While I agree with the first part, the problem with this is that it fails to convey to women that if they don't want to be pregnant, they have to stop having sex. However most women, nearly 99% of all women, use sex as a means to further their economic and social status, so I won't hold my breath.
 
they have to stop having sex.
It's Africa so presumably the sex isn't voluntary. That said, it's not the U.S. taxpayer's problem that some woman in Africa got knocked up.
Tbf, men could just not have sex or just fuck other men. Problem solved.
Not helping the "women have no autonomy and should be treated like retarded men" argument.
 
In this thread, we learn that African nations, overnight, have completely abolished such practices as bride sale, child brides, mass rape as a tool of warfare, and rape generally; thereby meaning all African women are now completely in control of their own reproduction by 'closing their legs' and 'just saying no'.

Jesus wept.

Not wanting to pay for abortions in foreign countries is a logically supportable argument. "hurrr DURRRRR whoRRRESSSSS close yOURRRR LEEEEgsss" is a 65 IQ argument when applied to the girl children of sub-Saharan Africa.

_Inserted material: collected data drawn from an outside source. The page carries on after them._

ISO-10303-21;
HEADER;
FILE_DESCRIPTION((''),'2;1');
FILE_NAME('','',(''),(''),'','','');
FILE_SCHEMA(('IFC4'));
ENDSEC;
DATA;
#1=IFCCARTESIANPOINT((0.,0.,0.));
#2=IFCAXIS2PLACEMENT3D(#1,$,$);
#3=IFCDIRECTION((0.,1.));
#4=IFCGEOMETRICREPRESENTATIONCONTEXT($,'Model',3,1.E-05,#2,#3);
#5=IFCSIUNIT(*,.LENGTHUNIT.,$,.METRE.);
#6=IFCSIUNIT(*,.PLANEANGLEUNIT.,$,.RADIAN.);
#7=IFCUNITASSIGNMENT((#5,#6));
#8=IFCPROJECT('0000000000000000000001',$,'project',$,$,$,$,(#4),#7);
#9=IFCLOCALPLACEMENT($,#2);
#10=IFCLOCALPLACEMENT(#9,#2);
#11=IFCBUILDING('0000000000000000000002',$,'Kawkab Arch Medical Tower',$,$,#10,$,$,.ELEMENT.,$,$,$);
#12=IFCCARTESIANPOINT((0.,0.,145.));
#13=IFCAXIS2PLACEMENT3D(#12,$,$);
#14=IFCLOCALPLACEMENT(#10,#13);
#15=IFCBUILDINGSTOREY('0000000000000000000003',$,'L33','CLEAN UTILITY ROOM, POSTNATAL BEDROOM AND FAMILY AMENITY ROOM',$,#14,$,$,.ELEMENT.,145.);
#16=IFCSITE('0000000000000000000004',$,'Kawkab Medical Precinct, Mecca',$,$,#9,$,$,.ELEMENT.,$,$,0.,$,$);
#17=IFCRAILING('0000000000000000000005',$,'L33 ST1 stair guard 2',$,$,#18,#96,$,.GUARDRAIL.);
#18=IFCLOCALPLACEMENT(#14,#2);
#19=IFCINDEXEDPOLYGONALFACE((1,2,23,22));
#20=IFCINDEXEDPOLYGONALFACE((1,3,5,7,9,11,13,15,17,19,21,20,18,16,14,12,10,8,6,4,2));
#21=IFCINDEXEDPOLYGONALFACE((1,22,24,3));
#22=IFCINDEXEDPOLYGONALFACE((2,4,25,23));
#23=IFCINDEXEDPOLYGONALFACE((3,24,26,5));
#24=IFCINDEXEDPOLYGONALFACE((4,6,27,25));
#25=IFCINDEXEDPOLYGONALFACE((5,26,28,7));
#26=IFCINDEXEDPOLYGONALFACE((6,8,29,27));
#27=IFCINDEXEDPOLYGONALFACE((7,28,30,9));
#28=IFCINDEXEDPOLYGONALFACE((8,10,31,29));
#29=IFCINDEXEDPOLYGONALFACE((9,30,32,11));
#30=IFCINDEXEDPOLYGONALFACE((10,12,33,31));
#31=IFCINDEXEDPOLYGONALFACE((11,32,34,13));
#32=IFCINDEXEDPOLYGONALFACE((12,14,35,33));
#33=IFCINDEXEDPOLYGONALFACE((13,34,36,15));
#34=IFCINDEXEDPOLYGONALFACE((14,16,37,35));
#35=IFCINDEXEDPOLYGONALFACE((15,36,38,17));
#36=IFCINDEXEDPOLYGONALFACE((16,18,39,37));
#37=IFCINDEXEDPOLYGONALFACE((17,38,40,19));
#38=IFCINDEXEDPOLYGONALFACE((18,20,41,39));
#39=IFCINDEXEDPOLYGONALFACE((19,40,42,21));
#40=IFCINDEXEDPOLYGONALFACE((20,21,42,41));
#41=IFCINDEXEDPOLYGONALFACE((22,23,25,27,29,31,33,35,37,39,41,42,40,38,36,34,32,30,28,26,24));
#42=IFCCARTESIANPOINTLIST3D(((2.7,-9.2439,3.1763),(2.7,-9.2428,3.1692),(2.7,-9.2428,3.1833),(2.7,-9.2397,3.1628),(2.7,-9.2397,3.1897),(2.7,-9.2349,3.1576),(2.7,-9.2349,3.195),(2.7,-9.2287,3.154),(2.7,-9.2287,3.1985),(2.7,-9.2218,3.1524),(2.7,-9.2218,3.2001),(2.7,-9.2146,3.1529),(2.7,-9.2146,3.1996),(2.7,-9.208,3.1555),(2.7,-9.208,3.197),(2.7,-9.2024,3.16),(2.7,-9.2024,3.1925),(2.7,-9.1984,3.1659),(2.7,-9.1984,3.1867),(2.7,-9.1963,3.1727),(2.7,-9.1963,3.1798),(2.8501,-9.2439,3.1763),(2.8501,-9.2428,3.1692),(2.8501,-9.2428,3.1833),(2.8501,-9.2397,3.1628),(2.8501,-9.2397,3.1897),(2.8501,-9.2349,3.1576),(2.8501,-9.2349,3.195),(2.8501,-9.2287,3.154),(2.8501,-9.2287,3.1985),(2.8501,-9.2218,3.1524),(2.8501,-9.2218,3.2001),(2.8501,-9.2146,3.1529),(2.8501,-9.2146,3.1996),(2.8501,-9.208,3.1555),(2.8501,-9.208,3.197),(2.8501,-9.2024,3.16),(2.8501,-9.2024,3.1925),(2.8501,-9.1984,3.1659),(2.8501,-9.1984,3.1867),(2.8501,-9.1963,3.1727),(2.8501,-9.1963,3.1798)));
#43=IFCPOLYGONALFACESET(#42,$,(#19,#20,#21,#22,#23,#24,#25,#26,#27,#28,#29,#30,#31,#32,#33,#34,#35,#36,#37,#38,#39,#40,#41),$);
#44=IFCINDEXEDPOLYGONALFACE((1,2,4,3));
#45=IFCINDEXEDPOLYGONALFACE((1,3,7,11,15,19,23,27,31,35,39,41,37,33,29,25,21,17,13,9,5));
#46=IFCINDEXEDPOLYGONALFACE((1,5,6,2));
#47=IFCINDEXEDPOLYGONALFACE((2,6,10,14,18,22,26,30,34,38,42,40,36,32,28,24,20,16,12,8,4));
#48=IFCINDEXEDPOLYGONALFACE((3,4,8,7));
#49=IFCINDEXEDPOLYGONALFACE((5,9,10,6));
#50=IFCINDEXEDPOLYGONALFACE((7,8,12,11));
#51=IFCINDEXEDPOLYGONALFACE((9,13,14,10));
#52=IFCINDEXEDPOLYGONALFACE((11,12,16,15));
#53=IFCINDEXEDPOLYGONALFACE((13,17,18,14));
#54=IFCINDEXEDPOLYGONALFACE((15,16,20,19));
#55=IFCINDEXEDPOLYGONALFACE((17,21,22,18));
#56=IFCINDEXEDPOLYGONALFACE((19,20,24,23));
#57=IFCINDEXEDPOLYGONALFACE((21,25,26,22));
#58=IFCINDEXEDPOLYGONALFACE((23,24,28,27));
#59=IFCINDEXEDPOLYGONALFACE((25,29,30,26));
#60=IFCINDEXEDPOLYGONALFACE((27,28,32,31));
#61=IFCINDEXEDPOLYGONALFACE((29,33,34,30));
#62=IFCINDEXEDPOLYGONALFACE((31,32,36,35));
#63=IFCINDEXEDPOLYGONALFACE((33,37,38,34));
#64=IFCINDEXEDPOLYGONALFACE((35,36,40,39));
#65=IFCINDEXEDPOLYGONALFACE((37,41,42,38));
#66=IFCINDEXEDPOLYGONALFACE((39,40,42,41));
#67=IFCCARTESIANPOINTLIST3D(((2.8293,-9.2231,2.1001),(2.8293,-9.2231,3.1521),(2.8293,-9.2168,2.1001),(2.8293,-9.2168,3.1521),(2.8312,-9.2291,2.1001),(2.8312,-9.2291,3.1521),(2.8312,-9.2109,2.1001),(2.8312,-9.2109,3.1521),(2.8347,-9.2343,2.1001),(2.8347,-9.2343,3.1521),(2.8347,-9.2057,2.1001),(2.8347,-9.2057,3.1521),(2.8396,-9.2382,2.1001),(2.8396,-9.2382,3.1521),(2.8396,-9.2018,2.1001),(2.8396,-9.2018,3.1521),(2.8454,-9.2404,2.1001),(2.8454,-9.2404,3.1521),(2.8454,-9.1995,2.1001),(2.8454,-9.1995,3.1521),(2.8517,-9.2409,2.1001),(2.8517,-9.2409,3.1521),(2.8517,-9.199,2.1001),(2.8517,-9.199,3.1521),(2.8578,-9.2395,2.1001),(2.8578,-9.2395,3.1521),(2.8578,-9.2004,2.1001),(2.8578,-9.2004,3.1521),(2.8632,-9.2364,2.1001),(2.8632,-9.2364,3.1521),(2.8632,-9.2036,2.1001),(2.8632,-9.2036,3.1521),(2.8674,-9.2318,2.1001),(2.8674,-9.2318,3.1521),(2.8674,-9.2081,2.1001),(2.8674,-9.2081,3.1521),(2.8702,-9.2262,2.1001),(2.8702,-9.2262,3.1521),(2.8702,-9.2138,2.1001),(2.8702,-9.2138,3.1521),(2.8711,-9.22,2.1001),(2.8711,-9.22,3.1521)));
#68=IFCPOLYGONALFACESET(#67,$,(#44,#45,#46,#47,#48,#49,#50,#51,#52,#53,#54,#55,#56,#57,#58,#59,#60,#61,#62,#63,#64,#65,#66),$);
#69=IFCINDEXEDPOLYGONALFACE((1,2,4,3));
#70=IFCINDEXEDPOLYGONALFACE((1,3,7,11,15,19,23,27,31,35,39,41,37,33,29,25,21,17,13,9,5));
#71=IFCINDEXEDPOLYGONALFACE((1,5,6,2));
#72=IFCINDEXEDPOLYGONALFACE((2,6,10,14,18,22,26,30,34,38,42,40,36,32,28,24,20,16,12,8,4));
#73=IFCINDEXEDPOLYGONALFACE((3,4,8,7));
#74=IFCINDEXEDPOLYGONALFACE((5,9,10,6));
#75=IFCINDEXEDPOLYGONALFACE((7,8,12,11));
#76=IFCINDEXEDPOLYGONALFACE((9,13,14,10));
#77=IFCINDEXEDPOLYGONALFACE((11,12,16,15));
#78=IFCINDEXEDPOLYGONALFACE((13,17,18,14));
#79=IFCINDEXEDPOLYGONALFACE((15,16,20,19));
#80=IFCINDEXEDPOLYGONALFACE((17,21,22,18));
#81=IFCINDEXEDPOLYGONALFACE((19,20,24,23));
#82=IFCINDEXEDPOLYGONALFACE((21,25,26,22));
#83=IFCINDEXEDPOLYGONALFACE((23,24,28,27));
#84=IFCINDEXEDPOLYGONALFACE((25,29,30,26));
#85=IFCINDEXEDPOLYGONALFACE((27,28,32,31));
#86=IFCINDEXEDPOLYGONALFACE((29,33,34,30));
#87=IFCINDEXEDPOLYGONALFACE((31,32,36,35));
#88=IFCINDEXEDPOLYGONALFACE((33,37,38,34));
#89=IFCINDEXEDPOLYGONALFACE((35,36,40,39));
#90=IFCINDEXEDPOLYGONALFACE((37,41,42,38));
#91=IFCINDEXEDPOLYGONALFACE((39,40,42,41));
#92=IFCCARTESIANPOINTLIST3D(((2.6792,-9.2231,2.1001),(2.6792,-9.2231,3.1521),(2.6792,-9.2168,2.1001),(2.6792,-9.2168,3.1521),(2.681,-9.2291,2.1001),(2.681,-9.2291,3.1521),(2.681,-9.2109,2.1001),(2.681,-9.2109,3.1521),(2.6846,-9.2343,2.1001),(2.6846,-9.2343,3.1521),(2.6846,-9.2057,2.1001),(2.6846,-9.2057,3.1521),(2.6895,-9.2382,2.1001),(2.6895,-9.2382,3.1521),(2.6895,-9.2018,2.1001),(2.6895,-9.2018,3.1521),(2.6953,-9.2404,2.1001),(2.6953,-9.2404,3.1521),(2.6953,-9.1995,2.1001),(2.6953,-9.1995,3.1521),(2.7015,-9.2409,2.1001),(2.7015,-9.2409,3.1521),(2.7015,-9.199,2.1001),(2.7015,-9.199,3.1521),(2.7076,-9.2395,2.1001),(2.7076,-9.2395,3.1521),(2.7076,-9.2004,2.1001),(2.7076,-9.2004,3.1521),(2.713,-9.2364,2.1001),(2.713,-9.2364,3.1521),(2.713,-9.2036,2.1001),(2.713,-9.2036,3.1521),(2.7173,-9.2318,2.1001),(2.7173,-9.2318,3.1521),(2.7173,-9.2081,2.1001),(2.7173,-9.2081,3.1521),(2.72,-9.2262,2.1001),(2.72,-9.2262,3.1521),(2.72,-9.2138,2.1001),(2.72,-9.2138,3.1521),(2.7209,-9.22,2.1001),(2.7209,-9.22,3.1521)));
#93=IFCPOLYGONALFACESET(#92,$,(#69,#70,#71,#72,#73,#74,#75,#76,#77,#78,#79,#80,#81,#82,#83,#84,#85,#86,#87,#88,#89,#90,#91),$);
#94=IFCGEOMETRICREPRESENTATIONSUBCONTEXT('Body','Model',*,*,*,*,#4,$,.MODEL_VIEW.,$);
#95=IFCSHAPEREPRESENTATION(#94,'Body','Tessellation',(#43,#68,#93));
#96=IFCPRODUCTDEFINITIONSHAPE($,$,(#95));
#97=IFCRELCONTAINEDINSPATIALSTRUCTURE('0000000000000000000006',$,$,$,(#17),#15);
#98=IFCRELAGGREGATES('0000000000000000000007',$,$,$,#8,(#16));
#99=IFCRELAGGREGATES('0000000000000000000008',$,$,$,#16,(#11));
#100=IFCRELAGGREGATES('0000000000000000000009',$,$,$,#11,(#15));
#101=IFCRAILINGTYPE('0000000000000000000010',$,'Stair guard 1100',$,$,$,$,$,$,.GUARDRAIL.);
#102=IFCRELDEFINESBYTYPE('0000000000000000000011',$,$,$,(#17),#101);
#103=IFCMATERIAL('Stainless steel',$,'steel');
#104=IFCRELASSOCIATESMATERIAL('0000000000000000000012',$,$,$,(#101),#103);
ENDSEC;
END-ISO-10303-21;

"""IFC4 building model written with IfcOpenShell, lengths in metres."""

from ifc_helpers import new_model, si_unit, direction, frame, origin, origin_2d, place, context, subcontext, project, spatial, circle, extrude, material, type_object, element, save


model = new_model("IFC4")

# Units and contexts
model_context = context("Model", 3, precision=1e-05, world=origin(), true_north=direction((0.0, 1.0)))
body_context = subcontext(model_context, "Body", "Model", "MODEL_VIEW")
ifc_project = project(units=[si_unit("LENGTHUNIT", "METRE"), si_unit("PLANEANGLEUNIT", "RADIAN")], contexts=[model_context])

# Site, building, storey
site_placement = place(None, origin())
site = spatial("IfcSite", under=ifc_project, at=site_placement, Name="Kawkab Medical Precinct, Mecca", CompositionType="ELEMENT", RefElevation=0.0)
building_placement = place(site_placement, origin())
building = spatial("IfcBuilding", under=site, at=building_placement, Name="Kawkab Arch Medical Tower", CompositionType="ELEMENT")
storey_placement = place(building_placement, frame((0.0, 0.0, 145.0)))
storey = spatial("IfcBuildingStorey", under=building, at=storey_placement, Name="L33", Description="CLEAN UTILITY ROOM, POSTNATAL BEDROOM AND FAMILY AMENITY ROOM", CompositionType="ELEMENT", Elevation=145.0)

# Railing
ifc_material_1 = material(Name="Stainless steel", Category="steel")
railing_type_1 = type_object("IfcRailingType", Name="Stair guard 1100", PredefinedType="GUARDRAIL", material=ifc_material_1)
railing_1_placement = place(storey_placement, frame((2.8501, -9.22, 2.1001)))
element("IfcRailing", 1, at=railing_1_placement, inside=storey, type_object=railing_type_1, Name="L33 ST1 stair guard 2", PredefinedType="GUARDRAIL", context=body_context, shape_type="SweptSolid", body=[
    extrude(circle(Radius=0.0239, at=origin_2d()), frame((0.0, 0.0, 1.0762), z_axis=(-1.0, 0.0, 0.0), x_axis=(0.0, -1.0, 0.0)), (0.0, 0.0, 1.0), 0.1501),
    extrude(circle(Radius=0.021, at=origin_2d()), origin(), (0.0, 0.0, 1.0), 1.052),
    extrude(circle(Radius=0.021, at=origin_2d()), frame((-0.1501, 0.0, 0.0)), (0.0, 0.0, 1.0), 1.052),
])

save(model, "model.ifc")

To quote my great-grandmother, "don't say that out in public, people will think you are backwards and take you away to the special school".
 
He should just say that they get forcibly sterilized if they need an abortion at our expense, holy shit.
We don't need more Africans, but we certainly don't also need more dead babies.
How about we just stop the free shit for Africa thing? We've poured countless fortunes into development but all it does is get them to reproduce themselves into another famine.
 
If there's one thing that would benefit literally all of humanity, including Africans themselves, it would be to absolutely flood Africa with free birth control pills. The only thing better would be mandatory sterilisation.
The Mirena IUD is effective for contraceptive purposes for up to eight years, needs no maintenance or user input once it's in, is quick to fit and remove, is 99.8% effective, ceases to have any effect on fertility once removed, and is very difficult for a third party to tamper with.

I'm just saying. It would fit the bill for very many reproductive care programmes in developing nations. Eight years is a long time not to have to worry about new little mouths that you can't feed coming along.

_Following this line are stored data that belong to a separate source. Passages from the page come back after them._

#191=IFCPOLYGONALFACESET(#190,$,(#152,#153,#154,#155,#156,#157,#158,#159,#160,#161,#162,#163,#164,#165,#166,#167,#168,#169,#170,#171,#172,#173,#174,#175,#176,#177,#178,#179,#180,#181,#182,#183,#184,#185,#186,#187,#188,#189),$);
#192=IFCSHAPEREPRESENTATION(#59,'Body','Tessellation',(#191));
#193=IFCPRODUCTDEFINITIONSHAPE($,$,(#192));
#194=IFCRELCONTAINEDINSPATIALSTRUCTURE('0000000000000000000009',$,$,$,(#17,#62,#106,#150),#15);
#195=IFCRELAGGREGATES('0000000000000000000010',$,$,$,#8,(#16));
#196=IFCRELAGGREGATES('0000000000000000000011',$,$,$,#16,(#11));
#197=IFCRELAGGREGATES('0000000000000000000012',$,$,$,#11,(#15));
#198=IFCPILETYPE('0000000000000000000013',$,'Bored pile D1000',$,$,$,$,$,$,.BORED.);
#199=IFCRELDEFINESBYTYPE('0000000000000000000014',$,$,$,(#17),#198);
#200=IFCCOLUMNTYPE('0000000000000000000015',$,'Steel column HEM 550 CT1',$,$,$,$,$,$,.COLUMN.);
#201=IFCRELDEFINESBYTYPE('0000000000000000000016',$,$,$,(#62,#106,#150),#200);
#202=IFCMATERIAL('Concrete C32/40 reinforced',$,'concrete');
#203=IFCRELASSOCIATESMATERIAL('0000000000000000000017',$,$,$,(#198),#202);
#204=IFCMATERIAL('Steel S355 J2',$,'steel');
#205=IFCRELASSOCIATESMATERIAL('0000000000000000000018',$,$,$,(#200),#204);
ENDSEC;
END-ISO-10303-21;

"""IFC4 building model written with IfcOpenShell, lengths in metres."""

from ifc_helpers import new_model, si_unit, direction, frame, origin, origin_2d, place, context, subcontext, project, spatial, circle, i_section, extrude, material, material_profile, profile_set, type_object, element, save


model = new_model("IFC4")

It's not just mothers who suffer in developing countries when they aren't able to control their fertility. The effects of global poverty do not magically evade the children who are born into it. The effects grow worse in each family living in global poverty the more children are born into it.
 
Trump needs to provide work for all those new little niggers saved by the grace of God, who will inevitably grow up into potential labor. Maybe ring-fence some land, maybe turn it over to agriculture, maybe get them to farm the land and maybe provide them with food and shelter in return. Keep hold of the good ones, maybe sell on redeploy the troublemakers, make them productive members of society and let them send their produce over here.

And make sure the landowners are white so there's no need for rivalry among the natives. I know it sounds woke, but it feels good to do nice tings for the needy.